「おまえ うまそうだな」などの作品で知られる絵本作家みやにしたつやさんは、海外でも講演活動を展開中。国内は全ての都道府県で講演をしたことがあるそうだ。今月17日に御坊市中央公民館で行われた読み聞かせライブ「ほんとうに大切なものは絵本の中にある」では、その辺りのことも紹介されていた。
数々の講演の中で悔いが残っていることもあるという、みやにしさん。それは一生懸命にやらなかったときだという。一生懸命にやったか、やらなかったか。プロであれば来場者に気づかれることもないと思うが、それでも後悔している。来場者から批判されたわけではなく、全力を尽くさなかった自分に腹が立っているのだと感じられた。この日の講演では「一生懸命やらないと損をする人がいます。それは自分です」と当時の思いを語り、一生懸命にやったときには「本当に疲れるけど、『絵本おもしろかった』っていってもらって本当によかった」と爽快感を話していた。

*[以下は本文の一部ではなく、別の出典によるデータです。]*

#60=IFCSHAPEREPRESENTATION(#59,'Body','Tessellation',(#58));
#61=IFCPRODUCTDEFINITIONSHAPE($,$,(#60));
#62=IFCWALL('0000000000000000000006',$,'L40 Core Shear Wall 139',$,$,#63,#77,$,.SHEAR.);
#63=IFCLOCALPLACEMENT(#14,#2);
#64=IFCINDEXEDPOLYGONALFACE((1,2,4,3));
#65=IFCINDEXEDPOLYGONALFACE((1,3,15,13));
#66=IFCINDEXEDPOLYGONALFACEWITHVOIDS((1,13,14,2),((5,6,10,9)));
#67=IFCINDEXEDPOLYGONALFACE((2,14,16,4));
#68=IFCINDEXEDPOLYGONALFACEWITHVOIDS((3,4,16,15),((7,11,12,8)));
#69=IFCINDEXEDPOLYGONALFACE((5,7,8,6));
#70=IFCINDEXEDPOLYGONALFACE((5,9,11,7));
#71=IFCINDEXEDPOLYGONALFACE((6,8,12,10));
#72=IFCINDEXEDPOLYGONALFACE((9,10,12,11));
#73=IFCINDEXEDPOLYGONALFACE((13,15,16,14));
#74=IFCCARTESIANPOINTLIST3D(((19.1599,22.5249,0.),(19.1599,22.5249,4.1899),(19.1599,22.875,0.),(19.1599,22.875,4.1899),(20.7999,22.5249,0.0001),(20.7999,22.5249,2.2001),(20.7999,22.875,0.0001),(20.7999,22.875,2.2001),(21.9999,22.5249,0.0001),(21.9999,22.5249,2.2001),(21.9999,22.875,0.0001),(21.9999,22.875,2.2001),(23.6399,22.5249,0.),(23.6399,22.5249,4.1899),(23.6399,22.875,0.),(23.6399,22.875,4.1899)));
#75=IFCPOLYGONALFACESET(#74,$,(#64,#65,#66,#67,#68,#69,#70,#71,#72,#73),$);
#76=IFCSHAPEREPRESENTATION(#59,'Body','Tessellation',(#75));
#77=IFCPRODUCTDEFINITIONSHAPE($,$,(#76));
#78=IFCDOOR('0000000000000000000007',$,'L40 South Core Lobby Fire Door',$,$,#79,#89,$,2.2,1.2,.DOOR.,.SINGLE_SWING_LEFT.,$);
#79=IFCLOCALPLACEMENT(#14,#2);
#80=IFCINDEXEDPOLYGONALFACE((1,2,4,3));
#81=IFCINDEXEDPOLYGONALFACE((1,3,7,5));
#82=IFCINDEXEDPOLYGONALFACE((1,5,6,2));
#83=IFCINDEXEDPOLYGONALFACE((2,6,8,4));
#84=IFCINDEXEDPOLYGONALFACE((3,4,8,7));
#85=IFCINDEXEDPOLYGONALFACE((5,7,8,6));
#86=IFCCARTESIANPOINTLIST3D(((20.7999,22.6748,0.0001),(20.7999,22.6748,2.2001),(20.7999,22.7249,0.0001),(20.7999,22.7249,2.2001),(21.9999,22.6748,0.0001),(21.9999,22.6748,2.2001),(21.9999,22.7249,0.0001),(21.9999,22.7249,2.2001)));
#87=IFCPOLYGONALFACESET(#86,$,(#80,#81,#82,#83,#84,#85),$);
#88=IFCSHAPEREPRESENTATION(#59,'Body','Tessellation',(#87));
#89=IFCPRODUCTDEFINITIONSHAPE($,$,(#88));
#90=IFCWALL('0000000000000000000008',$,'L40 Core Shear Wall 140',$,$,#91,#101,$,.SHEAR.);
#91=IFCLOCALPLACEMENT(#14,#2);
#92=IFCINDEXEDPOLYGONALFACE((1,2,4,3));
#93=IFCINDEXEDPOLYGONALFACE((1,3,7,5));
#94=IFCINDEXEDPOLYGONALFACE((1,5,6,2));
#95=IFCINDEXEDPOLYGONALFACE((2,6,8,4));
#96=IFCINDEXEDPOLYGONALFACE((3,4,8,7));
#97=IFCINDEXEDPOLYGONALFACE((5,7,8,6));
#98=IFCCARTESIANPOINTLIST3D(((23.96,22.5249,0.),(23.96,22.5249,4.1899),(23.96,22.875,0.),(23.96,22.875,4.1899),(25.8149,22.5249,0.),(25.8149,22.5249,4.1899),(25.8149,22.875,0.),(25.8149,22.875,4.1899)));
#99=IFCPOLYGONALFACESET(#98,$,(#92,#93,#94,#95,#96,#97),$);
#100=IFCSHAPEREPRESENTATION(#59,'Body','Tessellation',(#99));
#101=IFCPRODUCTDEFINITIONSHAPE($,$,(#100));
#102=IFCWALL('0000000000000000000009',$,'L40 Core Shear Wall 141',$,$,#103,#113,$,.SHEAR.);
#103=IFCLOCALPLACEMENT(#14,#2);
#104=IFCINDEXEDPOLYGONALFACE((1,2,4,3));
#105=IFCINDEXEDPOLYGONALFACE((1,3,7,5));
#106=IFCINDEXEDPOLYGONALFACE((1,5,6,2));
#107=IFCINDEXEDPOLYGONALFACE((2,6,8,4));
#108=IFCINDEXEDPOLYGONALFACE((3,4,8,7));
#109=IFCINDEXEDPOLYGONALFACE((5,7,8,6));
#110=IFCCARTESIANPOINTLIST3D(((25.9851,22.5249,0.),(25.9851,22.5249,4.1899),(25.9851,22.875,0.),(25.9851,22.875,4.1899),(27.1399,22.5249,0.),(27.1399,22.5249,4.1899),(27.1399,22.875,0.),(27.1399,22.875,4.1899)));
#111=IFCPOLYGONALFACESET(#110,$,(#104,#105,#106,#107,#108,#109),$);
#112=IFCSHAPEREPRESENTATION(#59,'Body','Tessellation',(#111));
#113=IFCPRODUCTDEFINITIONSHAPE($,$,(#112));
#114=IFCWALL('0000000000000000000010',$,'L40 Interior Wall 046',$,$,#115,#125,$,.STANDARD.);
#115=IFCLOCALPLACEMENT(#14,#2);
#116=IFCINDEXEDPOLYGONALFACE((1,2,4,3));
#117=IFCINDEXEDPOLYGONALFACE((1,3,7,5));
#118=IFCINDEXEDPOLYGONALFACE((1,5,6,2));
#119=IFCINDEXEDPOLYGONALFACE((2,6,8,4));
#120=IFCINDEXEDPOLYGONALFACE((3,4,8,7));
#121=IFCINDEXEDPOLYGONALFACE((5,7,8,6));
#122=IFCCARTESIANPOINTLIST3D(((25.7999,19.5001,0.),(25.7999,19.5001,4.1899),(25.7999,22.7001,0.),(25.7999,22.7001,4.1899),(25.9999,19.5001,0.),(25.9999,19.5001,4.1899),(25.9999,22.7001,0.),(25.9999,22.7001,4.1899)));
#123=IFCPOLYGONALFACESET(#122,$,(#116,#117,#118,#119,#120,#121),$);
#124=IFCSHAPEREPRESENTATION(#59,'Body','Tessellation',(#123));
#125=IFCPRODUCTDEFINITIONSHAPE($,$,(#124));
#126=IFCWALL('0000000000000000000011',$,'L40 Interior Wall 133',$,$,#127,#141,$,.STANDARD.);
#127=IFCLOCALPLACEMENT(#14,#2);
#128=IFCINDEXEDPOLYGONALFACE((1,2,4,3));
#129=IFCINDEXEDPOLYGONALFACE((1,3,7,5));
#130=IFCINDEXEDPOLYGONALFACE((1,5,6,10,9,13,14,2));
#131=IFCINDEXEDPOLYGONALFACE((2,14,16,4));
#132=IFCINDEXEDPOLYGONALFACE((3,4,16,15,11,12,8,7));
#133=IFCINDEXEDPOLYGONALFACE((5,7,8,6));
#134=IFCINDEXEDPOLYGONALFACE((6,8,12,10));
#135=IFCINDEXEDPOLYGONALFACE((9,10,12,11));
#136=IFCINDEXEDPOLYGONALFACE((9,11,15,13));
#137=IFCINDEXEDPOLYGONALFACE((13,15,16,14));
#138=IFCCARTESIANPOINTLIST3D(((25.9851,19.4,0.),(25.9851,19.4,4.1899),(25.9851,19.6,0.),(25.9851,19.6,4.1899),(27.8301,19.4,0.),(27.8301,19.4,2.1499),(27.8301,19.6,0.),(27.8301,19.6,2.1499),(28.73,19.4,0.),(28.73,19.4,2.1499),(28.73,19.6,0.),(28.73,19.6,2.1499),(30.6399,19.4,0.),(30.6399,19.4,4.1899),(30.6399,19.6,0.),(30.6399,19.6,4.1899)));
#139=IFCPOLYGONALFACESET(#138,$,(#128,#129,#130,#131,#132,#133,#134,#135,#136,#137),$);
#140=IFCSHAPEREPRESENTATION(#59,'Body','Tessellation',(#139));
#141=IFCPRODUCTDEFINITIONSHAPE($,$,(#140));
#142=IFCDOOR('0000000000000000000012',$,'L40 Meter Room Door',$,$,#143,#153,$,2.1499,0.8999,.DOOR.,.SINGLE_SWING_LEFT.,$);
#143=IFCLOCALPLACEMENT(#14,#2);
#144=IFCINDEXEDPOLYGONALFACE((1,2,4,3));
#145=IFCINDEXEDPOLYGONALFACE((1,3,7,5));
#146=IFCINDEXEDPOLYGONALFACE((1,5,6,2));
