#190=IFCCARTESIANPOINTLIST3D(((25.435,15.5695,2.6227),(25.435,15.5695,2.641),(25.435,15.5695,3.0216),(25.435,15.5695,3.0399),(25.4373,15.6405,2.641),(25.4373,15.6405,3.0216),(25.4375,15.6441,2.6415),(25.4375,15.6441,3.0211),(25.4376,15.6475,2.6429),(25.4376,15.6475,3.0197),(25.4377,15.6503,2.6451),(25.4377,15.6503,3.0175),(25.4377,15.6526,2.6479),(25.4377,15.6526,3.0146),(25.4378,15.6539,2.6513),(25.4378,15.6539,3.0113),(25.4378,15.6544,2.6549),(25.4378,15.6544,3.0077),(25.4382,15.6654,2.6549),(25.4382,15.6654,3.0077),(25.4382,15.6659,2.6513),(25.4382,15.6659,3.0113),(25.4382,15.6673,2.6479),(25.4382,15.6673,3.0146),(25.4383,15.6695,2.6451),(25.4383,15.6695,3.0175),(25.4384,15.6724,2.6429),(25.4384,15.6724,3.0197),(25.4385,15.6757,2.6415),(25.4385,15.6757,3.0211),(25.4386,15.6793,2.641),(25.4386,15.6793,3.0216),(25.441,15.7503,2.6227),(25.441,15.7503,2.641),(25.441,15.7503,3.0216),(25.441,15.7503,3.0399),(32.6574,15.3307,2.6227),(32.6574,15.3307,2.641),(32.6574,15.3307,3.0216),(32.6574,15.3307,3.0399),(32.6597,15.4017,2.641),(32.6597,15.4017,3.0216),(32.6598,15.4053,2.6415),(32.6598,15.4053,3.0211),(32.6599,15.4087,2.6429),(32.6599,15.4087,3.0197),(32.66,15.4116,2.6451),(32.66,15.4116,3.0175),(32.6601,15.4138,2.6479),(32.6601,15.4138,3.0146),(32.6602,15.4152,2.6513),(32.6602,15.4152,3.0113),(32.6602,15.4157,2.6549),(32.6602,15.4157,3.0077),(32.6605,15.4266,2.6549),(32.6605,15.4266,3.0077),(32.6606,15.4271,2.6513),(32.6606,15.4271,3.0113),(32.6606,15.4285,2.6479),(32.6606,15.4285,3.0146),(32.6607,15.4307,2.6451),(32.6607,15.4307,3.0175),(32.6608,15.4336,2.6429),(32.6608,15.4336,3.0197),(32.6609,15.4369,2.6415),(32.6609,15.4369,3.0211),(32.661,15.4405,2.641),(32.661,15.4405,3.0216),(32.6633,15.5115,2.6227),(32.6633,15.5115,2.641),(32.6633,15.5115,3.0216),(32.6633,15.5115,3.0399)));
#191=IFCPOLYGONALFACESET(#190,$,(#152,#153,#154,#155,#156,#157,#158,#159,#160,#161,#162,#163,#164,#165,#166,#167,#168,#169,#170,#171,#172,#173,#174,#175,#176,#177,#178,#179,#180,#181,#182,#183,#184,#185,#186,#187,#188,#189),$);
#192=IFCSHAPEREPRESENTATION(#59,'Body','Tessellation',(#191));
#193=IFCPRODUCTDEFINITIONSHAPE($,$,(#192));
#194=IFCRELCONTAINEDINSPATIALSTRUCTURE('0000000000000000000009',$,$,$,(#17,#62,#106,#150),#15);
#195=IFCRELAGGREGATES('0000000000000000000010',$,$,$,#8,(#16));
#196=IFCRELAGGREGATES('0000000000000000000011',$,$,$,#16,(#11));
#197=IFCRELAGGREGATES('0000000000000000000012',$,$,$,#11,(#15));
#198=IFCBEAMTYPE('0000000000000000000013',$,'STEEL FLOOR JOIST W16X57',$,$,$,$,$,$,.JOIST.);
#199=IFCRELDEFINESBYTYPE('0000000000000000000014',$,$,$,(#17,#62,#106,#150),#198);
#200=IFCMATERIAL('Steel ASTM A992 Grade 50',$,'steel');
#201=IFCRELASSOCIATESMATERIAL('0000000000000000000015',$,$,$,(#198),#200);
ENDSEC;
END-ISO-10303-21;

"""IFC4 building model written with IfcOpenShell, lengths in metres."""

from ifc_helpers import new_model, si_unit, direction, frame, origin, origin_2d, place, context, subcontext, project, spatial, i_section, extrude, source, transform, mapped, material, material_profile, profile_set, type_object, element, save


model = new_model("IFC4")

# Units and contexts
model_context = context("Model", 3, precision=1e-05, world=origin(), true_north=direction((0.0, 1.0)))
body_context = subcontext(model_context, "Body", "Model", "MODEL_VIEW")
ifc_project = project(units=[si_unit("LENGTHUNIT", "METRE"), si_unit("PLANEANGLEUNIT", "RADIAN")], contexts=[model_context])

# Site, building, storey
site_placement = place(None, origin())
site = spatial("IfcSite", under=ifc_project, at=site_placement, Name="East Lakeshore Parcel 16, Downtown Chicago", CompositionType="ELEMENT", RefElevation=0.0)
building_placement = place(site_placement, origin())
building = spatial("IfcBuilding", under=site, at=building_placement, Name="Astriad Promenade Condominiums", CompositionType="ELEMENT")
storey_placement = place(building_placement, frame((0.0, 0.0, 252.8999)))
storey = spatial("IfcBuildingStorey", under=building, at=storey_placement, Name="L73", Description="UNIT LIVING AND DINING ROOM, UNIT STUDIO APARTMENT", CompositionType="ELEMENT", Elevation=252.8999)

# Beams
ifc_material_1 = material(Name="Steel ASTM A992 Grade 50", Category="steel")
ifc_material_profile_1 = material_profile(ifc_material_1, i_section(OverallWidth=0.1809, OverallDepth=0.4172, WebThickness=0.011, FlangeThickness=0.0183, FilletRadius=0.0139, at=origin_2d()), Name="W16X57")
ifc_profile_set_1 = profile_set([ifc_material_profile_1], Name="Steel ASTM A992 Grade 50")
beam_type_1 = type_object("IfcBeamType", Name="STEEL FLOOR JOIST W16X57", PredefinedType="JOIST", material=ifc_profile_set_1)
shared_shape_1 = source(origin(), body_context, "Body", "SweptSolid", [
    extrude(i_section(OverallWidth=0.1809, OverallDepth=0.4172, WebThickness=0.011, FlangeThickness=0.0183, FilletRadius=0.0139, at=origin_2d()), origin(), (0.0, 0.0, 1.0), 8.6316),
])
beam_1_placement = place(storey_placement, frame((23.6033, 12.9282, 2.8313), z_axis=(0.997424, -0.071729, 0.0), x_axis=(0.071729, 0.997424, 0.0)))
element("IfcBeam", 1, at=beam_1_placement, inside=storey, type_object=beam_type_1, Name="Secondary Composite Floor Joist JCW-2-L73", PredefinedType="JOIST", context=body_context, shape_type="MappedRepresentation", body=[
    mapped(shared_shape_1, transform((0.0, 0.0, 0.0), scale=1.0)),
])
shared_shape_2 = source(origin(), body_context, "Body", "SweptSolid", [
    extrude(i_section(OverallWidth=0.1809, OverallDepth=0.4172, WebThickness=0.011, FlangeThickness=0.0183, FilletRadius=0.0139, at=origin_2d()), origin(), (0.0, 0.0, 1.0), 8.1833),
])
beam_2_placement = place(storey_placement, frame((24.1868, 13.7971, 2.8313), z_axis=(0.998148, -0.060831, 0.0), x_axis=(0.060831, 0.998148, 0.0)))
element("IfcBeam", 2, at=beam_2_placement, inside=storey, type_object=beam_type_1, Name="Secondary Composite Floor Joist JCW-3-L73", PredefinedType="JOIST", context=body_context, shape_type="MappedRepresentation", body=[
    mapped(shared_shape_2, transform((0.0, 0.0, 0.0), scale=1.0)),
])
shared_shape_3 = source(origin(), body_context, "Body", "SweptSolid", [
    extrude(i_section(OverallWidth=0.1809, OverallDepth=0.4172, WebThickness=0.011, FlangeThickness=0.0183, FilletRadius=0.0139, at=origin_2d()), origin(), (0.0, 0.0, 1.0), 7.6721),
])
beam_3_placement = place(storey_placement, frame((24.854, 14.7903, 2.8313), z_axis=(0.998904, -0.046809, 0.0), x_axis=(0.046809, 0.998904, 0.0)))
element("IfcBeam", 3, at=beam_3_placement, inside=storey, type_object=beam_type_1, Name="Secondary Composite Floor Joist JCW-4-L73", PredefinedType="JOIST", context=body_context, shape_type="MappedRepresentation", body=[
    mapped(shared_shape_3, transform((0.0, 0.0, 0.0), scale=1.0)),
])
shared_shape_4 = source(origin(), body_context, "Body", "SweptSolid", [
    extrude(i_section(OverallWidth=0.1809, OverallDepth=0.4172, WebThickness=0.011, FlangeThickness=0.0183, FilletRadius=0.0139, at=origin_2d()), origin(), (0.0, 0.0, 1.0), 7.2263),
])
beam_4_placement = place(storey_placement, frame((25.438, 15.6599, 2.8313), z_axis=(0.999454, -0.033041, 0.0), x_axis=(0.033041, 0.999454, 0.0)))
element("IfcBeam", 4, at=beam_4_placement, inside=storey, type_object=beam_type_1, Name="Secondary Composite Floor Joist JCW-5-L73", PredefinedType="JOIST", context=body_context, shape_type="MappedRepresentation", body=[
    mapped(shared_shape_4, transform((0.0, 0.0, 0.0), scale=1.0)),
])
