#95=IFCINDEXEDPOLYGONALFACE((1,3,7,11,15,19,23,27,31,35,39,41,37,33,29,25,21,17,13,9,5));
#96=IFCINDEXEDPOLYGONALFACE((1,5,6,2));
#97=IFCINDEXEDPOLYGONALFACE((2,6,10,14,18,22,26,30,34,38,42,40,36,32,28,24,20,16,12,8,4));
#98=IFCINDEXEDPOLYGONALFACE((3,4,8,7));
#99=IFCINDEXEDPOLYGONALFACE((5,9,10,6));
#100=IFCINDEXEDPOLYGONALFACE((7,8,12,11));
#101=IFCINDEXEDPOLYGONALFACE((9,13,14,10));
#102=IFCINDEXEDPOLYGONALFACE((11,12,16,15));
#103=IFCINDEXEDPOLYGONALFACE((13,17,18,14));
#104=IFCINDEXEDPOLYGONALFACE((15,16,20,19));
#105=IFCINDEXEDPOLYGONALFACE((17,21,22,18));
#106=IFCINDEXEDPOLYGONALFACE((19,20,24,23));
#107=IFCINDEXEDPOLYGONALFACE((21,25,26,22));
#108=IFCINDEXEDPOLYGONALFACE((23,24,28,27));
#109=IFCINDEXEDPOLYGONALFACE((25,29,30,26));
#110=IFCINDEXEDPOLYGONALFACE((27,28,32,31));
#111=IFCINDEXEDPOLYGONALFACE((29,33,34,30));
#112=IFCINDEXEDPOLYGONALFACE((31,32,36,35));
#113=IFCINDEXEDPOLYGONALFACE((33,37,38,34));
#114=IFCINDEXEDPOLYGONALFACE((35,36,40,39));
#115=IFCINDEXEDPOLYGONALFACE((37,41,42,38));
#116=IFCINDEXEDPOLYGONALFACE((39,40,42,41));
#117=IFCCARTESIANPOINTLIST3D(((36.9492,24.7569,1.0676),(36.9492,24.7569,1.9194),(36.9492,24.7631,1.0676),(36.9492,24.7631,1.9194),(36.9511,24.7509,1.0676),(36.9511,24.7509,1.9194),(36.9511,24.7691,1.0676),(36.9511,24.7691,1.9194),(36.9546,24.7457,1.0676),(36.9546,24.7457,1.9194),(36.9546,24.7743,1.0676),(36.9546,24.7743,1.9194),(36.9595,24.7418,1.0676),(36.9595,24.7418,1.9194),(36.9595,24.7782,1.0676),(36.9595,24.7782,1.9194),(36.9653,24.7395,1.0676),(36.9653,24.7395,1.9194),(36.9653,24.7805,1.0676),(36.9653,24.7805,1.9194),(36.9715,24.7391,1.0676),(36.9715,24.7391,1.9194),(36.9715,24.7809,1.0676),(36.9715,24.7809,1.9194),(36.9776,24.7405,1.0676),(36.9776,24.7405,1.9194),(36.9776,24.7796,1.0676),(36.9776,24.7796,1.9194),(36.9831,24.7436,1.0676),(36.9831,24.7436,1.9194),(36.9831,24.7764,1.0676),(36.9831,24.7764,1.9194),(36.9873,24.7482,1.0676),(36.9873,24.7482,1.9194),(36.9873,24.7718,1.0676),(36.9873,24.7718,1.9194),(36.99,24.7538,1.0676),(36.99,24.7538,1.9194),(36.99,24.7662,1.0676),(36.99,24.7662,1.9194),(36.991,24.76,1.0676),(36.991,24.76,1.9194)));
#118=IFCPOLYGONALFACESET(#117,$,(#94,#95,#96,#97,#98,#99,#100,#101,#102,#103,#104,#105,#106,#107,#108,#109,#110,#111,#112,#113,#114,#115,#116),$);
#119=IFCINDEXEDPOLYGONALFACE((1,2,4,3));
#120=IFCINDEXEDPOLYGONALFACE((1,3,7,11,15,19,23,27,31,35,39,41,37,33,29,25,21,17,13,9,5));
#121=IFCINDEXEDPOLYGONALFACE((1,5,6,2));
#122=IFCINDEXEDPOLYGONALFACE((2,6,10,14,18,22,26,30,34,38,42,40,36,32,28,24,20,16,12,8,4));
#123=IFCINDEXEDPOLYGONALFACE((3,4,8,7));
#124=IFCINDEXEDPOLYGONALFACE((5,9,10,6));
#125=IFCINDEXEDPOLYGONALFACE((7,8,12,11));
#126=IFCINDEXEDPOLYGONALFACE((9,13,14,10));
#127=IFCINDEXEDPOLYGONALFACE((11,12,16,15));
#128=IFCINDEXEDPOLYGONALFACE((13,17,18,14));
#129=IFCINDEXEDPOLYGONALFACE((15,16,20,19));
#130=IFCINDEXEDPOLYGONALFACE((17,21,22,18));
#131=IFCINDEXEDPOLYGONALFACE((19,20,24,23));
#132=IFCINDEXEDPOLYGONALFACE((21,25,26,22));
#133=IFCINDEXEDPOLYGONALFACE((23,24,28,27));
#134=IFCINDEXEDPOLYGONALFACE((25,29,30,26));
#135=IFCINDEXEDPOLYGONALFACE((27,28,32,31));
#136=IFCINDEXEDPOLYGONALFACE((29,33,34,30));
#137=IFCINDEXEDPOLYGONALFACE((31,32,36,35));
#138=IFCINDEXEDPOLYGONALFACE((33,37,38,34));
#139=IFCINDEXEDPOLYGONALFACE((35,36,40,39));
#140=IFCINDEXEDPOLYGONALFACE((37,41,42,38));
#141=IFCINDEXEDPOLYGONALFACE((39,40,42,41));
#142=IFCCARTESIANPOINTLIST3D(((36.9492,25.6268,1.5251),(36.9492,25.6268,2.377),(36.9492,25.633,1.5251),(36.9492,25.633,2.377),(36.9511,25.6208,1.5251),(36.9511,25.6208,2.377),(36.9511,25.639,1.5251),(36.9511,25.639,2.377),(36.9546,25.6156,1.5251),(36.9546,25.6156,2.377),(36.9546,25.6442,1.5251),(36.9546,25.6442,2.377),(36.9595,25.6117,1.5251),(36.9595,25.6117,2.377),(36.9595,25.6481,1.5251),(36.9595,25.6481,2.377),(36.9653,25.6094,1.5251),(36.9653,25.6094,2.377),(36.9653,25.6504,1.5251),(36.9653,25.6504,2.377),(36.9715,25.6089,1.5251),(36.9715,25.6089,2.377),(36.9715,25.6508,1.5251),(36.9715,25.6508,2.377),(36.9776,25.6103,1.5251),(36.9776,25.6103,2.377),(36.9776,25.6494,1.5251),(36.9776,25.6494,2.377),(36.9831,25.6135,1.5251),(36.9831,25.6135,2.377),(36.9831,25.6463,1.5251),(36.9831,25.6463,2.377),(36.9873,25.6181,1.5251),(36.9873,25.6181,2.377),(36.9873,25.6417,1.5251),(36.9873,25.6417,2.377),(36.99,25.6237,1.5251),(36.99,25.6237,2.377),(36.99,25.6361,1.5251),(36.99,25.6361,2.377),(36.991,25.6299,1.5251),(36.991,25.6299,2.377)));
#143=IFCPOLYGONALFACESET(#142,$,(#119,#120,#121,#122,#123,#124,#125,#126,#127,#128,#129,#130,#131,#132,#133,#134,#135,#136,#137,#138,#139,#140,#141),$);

「一生懸命」は、どうして大切か。怠けるのはなぜよくないのか。ともに、周囲に〝伝染〟するからだと思う。例えば子ども。子どもは大人を見て育つ。みやにしさんいわく「大人を見てあんなふうになりたいと思う」。自分の子どもが怠惰な自分のように成長したら、どうだろうか。「損をするのは自分」、つまり気持ちの面だけでなく、自分が怠ければ将来の自分に影響してくるということも伝えたかったのではないだろうか。
周囲にはサボることしか考えていないと思える人もたくさんいる。サボりに流されることなく、自分は一生懸命にやろう。子どもたちを一生懸命に楽しませる絵本作家に接し、あらためて一生懸命の大切さが分かった。 (賀)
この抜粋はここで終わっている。